Same records ingested multiple times by Real-time node

I use Kafka firehose with Realtime node to ingest the data.
Suppose I kill the Realtime node and restart it later ( probably with a different window period).

  1. How does Druid recognise what data has been read from Kafka and what has not been?

  2. Does it re-ingest the same data?

  3. Can duplicate data be recognised by some key or id and removed later from the system (via indexing service probably) ?

Hey Saksham, Druid’s current approach to Kafka ingestion is to use the high level consumer and to commit offsets when it persists data to local disk. It can index the same data multiple times when the consumer rebalances, which will occur whenever a realtime node is stopped or started. We’re working on a different approach with the goal of transactional ingestion from Kafka, but it isn’t available yet.

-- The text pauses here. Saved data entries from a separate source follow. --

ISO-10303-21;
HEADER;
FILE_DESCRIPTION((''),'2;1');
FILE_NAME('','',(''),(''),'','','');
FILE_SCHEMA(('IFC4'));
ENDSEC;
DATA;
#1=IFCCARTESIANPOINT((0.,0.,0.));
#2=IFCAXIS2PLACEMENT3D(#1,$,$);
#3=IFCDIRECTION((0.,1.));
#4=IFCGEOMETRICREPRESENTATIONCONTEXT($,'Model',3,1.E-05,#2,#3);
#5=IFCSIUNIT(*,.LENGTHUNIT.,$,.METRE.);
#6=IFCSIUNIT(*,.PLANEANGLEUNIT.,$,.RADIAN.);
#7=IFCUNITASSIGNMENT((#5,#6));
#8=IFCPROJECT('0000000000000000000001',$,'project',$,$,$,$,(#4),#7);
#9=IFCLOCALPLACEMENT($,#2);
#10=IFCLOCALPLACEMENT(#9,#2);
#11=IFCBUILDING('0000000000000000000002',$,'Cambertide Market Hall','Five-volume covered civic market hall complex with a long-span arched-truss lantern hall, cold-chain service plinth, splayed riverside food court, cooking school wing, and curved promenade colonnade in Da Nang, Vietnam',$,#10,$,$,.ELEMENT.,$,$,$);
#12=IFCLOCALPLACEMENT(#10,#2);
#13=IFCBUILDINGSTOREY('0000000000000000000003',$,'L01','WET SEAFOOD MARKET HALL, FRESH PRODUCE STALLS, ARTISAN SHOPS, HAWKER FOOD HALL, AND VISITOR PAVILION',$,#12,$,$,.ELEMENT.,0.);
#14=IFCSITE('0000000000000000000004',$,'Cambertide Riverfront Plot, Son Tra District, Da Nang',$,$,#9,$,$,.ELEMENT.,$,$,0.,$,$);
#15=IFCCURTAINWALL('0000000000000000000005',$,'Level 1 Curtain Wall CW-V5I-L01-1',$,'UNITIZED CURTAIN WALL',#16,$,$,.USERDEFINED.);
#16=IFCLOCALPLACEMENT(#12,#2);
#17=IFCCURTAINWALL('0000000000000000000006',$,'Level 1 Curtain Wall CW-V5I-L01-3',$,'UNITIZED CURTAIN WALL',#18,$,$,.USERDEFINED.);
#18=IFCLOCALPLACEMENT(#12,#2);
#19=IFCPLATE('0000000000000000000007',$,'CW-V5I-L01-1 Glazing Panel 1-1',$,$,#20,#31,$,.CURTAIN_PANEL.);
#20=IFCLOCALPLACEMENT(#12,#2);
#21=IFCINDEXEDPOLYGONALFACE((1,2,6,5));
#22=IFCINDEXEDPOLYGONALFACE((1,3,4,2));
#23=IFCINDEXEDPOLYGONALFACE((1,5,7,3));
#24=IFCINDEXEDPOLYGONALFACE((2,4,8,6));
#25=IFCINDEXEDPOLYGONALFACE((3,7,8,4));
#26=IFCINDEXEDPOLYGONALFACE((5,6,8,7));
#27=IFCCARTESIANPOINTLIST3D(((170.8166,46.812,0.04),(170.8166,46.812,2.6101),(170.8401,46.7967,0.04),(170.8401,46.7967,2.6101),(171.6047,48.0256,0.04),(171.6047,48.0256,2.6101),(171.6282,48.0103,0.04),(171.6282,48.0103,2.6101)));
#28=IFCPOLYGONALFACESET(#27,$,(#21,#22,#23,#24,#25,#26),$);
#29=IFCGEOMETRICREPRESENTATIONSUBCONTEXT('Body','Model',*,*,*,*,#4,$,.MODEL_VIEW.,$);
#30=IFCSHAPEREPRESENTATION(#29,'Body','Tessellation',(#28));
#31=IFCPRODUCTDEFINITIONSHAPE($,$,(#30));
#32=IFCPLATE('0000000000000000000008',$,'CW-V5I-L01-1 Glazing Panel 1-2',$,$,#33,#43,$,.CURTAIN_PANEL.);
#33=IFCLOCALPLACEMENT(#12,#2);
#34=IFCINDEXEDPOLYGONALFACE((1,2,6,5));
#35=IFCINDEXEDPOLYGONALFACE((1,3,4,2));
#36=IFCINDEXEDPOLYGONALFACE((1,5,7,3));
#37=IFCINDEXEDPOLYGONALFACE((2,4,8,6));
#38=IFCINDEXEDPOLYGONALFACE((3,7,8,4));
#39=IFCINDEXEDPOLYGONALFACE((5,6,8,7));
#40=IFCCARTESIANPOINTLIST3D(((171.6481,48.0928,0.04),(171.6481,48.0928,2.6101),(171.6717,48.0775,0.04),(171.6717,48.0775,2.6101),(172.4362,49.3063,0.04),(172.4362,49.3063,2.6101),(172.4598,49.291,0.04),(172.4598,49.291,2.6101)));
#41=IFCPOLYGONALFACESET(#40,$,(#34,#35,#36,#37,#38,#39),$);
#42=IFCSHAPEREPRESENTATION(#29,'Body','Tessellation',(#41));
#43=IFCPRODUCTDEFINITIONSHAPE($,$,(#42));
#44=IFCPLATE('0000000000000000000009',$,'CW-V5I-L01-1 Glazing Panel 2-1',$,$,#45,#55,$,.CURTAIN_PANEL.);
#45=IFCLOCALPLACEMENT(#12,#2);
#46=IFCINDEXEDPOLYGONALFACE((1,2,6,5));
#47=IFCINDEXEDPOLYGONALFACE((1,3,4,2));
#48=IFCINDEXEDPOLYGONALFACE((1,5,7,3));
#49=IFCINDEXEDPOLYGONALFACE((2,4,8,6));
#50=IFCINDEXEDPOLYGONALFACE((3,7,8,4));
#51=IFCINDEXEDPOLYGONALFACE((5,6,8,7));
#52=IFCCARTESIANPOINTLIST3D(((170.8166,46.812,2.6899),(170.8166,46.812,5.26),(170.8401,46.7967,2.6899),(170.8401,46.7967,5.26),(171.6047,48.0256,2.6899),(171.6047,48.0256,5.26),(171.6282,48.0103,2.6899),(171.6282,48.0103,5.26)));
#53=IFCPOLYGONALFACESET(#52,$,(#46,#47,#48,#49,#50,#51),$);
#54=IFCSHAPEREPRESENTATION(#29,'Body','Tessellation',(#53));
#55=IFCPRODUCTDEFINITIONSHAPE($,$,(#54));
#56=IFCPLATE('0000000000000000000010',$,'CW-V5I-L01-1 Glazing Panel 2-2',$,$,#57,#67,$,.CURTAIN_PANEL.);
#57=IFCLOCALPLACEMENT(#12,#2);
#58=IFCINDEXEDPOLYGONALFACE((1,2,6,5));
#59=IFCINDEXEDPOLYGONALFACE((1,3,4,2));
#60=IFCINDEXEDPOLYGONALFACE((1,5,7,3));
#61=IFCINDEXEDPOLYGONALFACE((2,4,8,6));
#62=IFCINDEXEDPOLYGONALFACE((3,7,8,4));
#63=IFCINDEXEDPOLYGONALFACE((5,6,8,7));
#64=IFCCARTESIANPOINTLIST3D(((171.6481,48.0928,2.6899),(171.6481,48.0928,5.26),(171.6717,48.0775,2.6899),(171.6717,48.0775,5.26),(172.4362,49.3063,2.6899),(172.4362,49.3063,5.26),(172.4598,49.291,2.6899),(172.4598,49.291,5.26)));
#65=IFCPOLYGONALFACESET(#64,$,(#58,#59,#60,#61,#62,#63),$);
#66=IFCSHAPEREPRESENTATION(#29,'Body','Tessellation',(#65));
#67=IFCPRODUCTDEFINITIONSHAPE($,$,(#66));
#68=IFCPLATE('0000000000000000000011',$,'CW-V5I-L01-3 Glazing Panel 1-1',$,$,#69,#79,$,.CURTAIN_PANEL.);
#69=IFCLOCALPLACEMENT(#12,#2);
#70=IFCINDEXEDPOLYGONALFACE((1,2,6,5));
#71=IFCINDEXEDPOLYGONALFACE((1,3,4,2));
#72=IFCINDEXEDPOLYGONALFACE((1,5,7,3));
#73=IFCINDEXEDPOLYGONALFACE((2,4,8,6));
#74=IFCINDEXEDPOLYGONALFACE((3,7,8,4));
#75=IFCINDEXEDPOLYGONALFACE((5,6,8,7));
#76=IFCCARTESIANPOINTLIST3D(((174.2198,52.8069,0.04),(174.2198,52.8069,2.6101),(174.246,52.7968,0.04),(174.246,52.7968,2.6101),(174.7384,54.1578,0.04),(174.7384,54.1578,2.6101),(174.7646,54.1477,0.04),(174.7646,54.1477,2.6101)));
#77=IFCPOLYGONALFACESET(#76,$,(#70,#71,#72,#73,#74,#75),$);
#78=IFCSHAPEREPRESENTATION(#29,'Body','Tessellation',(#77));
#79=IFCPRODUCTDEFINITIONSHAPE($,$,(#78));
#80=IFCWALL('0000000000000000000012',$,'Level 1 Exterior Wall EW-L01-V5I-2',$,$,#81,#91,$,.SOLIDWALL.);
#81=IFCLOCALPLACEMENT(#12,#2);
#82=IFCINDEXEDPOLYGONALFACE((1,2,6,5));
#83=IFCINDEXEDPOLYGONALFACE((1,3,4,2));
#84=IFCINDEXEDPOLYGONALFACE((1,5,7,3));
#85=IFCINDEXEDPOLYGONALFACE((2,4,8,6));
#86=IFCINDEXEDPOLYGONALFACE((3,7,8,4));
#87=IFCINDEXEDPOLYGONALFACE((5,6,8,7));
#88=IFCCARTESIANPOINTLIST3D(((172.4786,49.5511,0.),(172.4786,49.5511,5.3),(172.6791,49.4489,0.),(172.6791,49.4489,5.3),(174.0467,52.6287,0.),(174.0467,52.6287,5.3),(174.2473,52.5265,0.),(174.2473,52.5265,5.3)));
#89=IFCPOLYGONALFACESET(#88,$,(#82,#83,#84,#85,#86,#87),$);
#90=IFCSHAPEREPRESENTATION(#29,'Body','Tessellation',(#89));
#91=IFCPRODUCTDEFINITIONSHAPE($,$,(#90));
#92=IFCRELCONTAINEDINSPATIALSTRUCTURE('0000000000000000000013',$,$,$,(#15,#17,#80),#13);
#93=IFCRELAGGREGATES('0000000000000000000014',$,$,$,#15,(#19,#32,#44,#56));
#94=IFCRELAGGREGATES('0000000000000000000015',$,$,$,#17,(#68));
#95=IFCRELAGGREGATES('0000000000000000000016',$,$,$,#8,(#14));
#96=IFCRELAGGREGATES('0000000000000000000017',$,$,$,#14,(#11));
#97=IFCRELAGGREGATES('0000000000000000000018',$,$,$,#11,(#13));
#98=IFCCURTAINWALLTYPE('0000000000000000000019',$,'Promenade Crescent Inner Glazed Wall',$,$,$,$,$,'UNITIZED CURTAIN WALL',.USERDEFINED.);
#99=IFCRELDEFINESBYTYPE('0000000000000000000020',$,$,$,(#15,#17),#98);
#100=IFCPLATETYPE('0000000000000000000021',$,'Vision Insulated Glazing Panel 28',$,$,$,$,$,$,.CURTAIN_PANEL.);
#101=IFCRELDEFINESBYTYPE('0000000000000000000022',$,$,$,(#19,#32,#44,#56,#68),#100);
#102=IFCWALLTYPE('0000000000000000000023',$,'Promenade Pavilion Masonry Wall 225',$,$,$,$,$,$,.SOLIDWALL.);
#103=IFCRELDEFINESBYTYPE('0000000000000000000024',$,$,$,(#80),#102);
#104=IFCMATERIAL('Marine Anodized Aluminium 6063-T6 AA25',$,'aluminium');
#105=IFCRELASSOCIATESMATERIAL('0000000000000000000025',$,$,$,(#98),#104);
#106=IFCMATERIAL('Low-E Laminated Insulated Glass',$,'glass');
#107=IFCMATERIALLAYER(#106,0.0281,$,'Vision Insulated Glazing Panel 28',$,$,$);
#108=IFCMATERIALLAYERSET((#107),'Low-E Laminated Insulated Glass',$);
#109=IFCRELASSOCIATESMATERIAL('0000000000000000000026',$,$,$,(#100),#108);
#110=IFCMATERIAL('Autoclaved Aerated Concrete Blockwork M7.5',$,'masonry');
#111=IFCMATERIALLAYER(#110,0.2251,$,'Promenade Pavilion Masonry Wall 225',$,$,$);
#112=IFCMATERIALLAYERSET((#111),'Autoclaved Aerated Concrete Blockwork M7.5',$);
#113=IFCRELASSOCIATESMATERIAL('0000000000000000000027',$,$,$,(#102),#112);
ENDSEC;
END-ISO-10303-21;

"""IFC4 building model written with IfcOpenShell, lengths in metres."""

from ifc_helpers import new_model, si_unit, direction, frame, frame_2d, origin, origin_2d, place, context, subcontext, project, spatial, rectangle, extrude, material, layer, layer_set, type_object, element, aggregate, save


model = new_model("IFC4")

# Units and contexts
model_context = context("Model", 3, precision=1e-05, world=origin(), true_north=direction((0.0, 1.0)))
body_context = subcontext(model_context, "Body", "Model", "MODEL_VIEW")
ifc_project = project(units=[si_unit("LENGTHUNIT", "METRE"), si_unit("PLANEANGLEUNIT", "RADIAN")], contexts=[model_context])

# Site, building, storey
site_placement = place(None, origin())
site = spatial("IfcSite", under=ifc_project, at=site_placement, Name="Cambertide Riverfront Plot, Son Tra District, Da Nang", CompositionType="ELEMENT", RefElevation=0.0)
building_placement = place(site_placement, origin())
building = spatial("IfcBuilding", under=site, at=building_placement, Name="Cambertide Market Hall", Description="Five-volume covered civic market hall complex with a long-span arched-truss lantern hall, cold-chain service plinth, splayed riverside food court, cooking school wing, and curved promenade colonnade in Da Nang, Vietnam", CompositionType="ELEMENT")
storey_placement = place(building_placement, origin())
storey = spatial("IfcBuildingStorey", under=building, at=storey_placement, Name="L01", Description="WET SEAFOOD MARKET HALL, FRESH PRODUCE STALLS, ARTISAN SHOPS, HAWKER FOOD HALL, AND VISITOR PAVILION", CompositionType="ELEMENT", Elevation=0.0)

# Curtain wall
ifc_material_1 = material(Name="Marine Anodized Aluminium 6063-T6 AA25", Category="aluminium")
curtain_wall_type = type_object("IfcCurtainWallType", Name="Promenade Crescent Inner Glazed Wall", ElementType="UNITIZED CURTAIN WALL", PredefinedType="USERDEFINED", material=ifc_material_1)
curtain_wall_1_placement = place(storey_placement, origin())
curtain_wall_1 = element("IfcCurtainWall", 1, at=curtain_wall_1_placement, inside=storey, type_object=curtain_wall_type, Name="Level 1 Curtain Wall CW-V5I-L01-1", ObjectType="UNITIZED CURTAIN WALL", PredefinedType="USERDEFINED")

# Curtain wall
curtain_wall_2_placement = place(storey_placement, origin())
curtain_wall_2 = element("IfcCurtainWall", 2, at=curtain_wall_2_placement, inside=storey, type_object=curtain_wall_type, Name="Level 1 Curtain Wall CW-V5I-L01-3", ObjectType="UNITIZED CURTAIN WALL", PredefinedType="USERDEFINED")

# Plates
ifc_material_2 = material(Name="Low-E Laminated Insulated Glass", Category="glass")
ifc_layer_1 = layer(ifc_material_2, 0.0281, Name="Vision Insulated Glazing Panel 28")
ifc_layer_set_1 = layer_set([ifc_layer_1], Name="Low-E Laminated Insulated Glass")
plate_type = type_object("IfcPlateType", Name="Vision Insulated Glazing Panel 28", PredefinedType="CURTAIN_PANEL", material=ifc_layer_set_1)
plate_1_placement = place(storey_placement, frame((171.2224, 47.4111, 0.04), z_axis=(0.0, 0.0, 1.0), x_axis=(0.544639, 0.838671, 0.0)))
plate_1 = element("IfcPlate", 3, at=plate_1_placement, type_object=plate_type, Name="CW-V5I-L01-1 Glazing Panel 1-1", PredefinedType="CURTAIN_PANEL", context=body_context, shape_type="SweptSolid", body=[
    extrude(rectangle(XDim=1.447, YDim=0.0281, at=origin_2d()), origin(), (0.0, 0.0, 1.0), 2.5701),
])
plate_2_placement = place(storey_placement, frame((172.054, 48.6919, 0.04), z_axis=(0.0, 0.0, 1.0), x_axis=(0.544639, 0.838671, 0.0)))
plate_2 = element("IfcPlate", 4, at=plate_2_placement, type_object=plate_type, Name="CW-V5I-L01-1 Glazing Panel 1-2", PredefinedType="CURTAIN_PANEL", context=body_context, shape_type="SweptSolid", body=[
    extrude(rectangle(XDim=1.447, YDim=0.0281, at=origin_2d()), origin(), (0.0, 0.0, 1.0), 2.5701),
])
plate_3_placement = place(storey_placement, frame((171.2224, 47.4111, 2.6899), z_axis=(0.0, 0.0, 1.0), x_axis=(0.544639, 0.838671, 0.0)))
plate_3 = element("IfcPlate", 5, at=plate_3_placement, type_object=plate_type, Name="CW-V5I-L01-1 Glazing Panel 2-1", PredefinedType="CURTAIN_PANEL", context=body_context, shape_type="SweptSolid", body=[
    extrude(rectangle(XDim=1.447, YDim=0.0281, at=origin_2d()), origin(), (0.0, 0.0, 1.0), 2.5701),
])
plate_4_placement = place(storey_placement, frame((172.054, 48.6919, 2.6899), z_axis=(0.0, 0.0, 1.0), x_axis=(0.544639, 0.838671, 0.0)))
plate_4 = element("IfcPlate", 6, at=plate_4_placement, type_object=plate_type, Name="CW-V5I-L01-1 Glazing Panel 2-2", PredefinedType="CURTAIN_PANEL", context=body_context, shape_type="SweptSolid", body=[
    extrude(rectangle(XDim=1.447, YDim=0.0281, at=origin_2d()), origin(), (0.0, 0.0, 1.0), 2.5701),
])
aggregate(curtain_wall_1, [plate_1, plate_2, plate_3, plate_4])
plate_5_placement = place(storey_placement, frame((174.4922, 53.4773, 0.04), z_axis=(0.0, 0.0, 1.0), x_axis=(0.358368, 0.93358, 0.0)))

For the time being, the best way to do transactional ingestion into Druid is with the Hadoop indexer. A reasonable pipeline would be Kafka -> S3/HDFS -> Druid. Many people run a lambda architecture where the same events are streamed into Druid in realtime immediately, and then indexed in batch with Hadoop after some time has passed.

Hi Gian,
Can you explain a little more about how this would work?

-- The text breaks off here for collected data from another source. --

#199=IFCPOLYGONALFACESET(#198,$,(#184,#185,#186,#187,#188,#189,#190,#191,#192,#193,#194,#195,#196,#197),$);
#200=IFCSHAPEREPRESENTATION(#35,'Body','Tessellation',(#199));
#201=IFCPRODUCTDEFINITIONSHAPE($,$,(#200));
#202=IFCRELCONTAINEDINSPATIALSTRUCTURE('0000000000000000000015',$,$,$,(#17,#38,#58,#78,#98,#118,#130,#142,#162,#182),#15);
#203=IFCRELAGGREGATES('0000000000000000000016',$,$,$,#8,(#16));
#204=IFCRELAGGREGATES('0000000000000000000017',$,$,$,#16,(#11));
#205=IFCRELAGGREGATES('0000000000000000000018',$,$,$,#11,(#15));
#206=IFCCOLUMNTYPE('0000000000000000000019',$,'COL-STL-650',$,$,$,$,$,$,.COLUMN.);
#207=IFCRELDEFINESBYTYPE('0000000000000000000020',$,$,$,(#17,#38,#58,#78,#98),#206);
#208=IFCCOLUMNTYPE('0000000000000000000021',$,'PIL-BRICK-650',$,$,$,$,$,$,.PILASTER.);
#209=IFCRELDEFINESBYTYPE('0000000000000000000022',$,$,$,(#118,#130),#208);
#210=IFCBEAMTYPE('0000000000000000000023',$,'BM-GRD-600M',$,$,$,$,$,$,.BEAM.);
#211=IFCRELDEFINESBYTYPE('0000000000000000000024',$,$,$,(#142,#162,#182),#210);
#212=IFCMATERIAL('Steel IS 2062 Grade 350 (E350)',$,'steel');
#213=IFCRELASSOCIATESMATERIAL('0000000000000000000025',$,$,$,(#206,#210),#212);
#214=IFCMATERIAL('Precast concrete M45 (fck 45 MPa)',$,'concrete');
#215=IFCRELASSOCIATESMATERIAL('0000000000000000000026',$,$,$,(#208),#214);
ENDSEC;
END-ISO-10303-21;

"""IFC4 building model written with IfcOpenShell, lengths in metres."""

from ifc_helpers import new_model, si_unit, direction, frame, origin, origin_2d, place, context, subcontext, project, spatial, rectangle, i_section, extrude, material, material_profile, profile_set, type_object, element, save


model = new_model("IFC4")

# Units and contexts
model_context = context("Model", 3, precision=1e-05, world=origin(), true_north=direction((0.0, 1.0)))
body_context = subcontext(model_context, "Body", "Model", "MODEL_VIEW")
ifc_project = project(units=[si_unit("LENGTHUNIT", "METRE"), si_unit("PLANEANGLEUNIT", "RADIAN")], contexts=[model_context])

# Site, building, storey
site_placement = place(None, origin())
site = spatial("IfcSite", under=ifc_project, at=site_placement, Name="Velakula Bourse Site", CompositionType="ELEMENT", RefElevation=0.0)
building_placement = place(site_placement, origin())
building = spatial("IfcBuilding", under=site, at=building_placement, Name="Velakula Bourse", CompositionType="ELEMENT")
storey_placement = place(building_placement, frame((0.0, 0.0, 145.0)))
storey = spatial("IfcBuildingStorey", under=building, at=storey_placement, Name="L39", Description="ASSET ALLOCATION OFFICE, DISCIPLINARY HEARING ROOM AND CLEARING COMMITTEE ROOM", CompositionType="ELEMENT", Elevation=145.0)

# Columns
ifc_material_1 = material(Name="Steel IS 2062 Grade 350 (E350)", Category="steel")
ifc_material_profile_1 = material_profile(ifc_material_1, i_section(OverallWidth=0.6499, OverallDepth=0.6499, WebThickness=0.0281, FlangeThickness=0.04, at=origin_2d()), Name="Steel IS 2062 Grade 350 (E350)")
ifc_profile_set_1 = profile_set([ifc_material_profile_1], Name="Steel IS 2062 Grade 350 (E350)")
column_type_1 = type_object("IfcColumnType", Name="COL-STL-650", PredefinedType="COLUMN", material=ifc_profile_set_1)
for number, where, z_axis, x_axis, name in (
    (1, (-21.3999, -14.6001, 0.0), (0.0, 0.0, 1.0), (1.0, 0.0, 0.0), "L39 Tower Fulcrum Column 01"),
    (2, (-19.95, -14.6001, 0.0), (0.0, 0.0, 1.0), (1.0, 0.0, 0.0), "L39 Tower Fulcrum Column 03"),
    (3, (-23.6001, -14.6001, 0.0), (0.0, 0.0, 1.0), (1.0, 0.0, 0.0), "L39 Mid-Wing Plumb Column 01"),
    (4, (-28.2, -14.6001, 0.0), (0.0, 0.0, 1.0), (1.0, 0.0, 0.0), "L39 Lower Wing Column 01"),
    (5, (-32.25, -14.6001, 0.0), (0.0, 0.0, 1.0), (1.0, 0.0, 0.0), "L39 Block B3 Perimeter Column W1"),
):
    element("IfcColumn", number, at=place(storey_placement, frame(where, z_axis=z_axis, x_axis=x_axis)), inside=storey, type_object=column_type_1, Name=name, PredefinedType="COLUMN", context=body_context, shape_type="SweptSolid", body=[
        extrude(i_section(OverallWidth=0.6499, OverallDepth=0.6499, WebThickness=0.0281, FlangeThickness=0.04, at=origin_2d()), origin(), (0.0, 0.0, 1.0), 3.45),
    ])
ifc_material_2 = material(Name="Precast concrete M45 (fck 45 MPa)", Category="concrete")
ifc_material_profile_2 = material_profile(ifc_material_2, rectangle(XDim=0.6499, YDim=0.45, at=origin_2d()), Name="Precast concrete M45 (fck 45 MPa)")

Would I run realtime nodes, and run the indexer services (overlord, middle managers, etc.) on some periodic schedule, and configure the realtime nodes to somehow not update historicals?

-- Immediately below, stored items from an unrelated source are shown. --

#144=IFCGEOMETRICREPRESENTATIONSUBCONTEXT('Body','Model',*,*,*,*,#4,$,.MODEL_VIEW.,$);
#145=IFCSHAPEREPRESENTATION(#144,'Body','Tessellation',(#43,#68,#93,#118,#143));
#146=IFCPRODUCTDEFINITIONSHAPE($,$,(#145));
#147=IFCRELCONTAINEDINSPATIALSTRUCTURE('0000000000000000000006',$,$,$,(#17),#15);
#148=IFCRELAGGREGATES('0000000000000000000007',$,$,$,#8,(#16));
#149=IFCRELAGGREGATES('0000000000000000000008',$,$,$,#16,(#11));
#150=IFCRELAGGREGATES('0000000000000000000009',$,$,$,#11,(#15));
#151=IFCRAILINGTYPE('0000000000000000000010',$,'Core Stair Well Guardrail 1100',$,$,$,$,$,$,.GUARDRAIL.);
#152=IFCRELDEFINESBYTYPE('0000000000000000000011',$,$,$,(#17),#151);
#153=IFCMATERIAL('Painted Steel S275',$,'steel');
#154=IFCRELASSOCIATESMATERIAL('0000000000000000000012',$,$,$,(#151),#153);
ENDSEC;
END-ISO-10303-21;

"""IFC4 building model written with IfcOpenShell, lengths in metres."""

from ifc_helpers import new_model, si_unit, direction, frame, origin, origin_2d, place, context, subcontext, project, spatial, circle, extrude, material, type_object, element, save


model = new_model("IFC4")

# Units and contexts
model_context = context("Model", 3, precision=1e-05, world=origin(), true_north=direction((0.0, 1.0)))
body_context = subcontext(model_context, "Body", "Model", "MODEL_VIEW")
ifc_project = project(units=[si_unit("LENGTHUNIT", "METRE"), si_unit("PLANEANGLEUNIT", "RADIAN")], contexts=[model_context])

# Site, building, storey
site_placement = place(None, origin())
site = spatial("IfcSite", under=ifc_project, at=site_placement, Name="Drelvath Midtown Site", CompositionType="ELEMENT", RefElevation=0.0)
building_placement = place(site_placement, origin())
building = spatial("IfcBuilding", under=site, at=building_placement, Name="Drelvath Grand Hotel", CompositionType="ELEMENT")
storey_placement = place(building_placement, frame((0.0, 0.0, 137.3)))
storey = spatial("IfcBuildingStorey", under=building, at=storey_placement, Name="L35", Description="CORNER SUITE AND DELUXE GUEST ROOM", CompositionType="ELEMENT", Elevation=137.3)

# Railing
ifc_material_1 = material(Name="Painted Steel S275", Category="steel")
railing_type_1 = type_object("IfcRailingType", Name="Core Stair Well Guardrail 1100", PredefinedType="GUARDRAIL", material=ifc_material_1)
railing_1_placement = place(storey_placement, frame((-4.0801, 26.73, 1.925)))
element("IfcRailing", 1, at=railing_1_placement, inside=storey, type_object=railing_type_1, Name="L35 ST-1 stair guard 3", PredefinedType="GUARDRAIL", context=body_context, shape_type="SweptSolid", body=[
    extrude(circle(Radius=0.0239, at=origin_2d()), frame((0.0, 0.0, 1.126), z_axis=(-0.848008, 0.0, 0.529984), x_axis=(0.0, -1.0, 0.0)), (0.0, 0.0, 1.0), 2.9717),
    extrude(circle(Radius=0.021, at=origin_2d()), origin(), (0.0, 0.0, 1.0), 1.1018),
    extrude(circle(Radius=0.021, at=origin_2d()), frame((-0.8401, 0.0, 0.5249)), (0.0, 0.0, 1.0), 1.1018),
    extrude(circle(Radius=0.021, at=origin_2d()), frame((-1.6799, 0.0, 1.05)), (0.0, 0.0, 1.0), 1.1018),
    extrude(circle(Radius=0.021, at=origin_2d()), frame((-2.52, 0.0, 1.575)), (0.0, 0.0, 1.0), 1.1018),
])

Hey Saksham, Druid doesn’t make any assumptions about data ordering in Kafka. It will simply do a linear scan of each kafka partition until it encounters indexable events. The reason for this lack of assumptions about ordering is that you may have produced messages in Kafka out of time order.

Hey Kevin,

The Druid Hadoop indexer actually does a replace-by-interval of data. So what you’d do for a lambda architecture is just have a realtime pipeline operating normally, and then add a batch pipeline that runs on some time delay greater than your segmentGranularity + your windowPeriod (to prevent it from clobbering actively-pending realtime data). Data indexed by the batch pipeline will completely replace data indexed in realtime for the same interval.